I-9.3 Replacement of any defects is excluded if the suitability for use is not impaired by such defects and AST is also not liable for the achievement of a specific purpose. AST shall only be liable for compliance with equipment performance under the manufacturer’s nominal conditions. Warranty claims for equipment delivered as a gesture of goodwill shall lapse completely.
I-9.4 If delivered items are handled incorrectly and/or not regularly maintained and/or technically and/or structurally modified without the written consent of AST, it is assumed that any defects are due to this.
I-9.5 With every notice of defect AST has the right to inspect and examine the goods complained of. If the inspection reveals that AST is not responsible for this defect, the customer undertakes to reimburse AST for its services (including any transport, inspection and disposal costs).
I-10.1 AST shall be liable in accordance with the statutory provisions both if the customer asserts claims for damages based on intent or gross negligence, including those of its representatives or vicarious agents, and in the event of culpable breach of a material contractual obligation. Material contractual obligations are those obligations whose fulfillment is essential for the proper execution of the contract and on whose compliance the customer may regularly rely. Insofar as AST is not accused of intentional breach of contract, i.e. in the case of gross negligence and breach of an essential contractual obligation, our liability is limited to the foreseeable, typically occurring damage. The liability for financial and other consequential damages or immaterial damages is not covered by the foreseeable, typically occurring damage.

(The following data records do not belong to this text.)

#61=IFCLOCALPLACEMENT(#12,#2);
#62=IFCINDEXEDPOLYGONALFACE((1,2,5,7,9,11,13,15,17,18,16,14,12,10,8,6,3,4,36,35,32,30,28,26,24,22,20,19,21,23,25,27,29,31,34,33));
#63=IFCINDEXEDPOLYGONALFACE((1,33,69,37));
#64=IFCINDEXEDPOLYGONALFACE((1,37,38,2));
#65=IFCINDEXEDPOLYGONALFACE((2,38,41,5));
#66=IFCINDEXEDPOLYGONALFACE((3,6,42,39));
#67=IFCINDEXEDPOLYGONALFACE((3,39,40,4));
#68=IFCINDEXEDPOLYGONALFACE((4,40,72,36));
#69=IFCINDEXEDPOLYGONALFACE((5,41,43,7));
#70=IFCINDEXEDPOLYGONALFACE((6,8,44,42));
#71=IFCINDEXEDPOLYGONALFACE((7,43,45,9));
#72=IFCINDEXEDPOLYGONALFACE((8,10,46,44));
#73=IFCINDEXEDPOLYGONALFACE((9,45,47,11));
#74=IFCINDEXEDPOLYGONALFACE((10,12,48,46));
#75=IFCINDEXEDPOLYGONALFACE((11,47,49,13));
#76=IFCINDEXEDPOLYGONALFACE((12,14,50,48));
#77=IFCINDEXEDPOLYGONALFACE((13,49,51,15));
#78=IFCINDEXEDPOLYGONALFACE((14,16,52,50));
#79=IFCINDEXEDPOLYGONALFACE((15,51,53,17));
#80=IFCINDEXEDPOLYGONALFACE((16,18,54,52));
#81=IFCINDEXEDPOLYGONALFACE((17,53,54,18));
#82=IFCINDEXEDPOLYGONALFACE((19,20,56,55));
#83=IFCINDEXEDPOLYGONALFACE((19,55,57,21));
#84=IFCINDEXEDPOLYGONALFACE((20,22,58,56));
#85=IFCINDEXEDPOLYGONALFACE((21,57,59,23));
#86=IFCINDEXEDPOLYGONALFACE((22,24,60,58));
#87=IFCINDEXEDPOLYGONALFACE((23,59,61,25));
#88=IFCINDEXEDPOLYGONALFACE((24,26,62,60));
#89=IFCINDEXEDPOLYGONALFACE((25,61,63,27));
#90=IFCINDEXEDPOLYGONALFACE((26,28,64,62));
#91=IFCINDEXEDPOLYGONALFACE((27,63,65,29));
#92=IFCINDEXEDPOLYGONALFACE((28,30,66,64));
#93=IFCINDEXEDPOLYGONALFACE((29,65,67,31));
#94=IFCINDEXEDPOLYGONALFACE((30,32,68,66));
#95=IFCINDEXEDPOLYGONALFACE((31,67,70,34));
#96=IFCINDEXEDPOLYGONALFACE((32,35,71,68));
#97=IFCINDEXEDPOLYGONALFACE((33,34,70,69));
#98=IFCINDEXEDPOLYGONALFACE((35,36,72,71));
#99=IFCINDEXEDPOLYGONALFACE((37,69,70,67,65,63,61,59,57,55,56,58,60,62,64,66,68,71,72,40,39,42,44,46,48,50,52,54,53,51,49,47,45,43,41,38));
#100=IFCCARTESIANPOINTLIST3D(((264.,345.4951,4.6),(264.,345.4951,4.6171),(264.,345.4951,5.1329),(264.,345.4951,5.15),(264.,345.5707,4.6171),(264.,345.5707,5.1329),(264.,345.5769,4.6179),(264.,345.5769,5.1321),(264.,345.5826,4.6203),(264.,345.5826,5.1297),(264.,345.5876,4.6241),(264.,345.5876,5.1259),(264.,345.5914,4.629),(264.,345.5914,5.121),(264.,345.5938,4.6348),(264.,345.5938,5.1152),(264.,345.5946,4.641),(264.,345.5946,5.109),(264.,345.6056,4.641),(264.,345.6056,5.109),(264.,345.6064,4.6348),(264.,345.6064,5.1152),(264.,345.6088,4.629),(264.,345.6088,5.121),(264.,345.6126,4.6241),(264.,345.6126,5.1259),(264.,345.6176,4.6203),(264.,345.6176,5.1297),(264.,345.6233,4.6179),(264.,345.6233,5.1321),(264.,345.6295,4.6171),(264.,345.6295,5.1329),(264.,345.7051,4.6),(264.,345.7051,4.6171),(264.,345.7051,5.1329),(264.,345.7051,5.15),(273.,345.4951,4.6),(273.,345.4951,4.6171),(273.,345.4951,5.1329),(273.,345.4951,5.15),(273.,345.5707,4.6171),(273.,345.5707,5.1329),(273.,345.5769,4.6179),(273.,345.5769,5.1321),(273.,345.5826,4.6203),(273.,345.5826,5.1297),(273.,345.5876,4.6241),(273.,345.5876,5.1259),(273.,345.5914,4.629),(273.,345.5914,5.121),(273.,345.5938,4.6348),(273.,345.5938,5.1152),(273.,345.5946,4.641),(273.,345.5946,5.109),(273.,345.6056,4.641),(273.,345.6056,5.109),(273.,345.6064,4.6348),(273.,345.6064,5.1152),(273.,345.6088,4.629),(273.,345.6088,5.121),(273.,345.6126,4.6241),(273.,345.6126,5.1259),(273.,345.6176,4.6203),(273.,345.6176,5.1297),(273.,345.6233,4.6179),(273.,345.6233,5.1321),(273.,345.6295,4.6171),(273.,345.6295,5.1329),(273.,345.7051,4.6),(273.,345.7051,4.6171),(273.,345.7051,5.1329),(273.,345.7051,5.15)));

I-10.2 If AST is in default with the provision of its services, the customer shall be entitled to demand a lump-sum compensation for default amounting to a maximum of 1% of the net value of the (partial) service concerned. Any further liability for delay in delivery is excluded, except in the case of intentional action.
I-10.3 Otherwise, liability for damages is excluded. Claims arising from injury to life, limb or health shall remain unaffected.
I-11. Force majeure
In cases of force majeure, in particular war, natural disasters, acts of God, strikes, lockouts, riots, machine damage not due to improper maintenance, late or improper delivery by the upstream supplier, disruptions in the supply of energy and raw materials, AST is entitled to postpone the performance of its services for the duration of the impairment or, if an end of the impairment cannot be foreseen, to withdraw from the contract in whole or in part, without this giving rise to any obligations.
AST is entitled to commission third parties with the execution of their delivery and service obligations.
I-13. Prohibition of assignment
The customer is not entitled to transfer rights or claims to third parties or to assign them to third parties.
I-14. Legal Succession
The customer is obliged to inform AST of any change, in particular of his company name or legal form, without being requested to do so. The customer shall be liable for any disadvantages incurred by AST as a result of failure to notify or late notification.
I-15. Data protection
Customer data is stored within the framework of the Federal Data Protection Act exclusively for business purposes.
I-16. Applicable law, place of jurisdiction
I-16.1 All legal relationships between AST and the customer shall be governed exclusively by the laws of the Federal Republic of Germany to the exclusion of the uniform international sales law and the UN Convention on Contracts for the International Sale of Goods.
I-16.2 If the customer is a merchant, a legal entity under public law or a special fund under public law, the customer has no general place of jurisdiction in Germany, if he moves his residence or usual place of abode out of the territory of the Federal Republic of Germany after conclusion of the contract.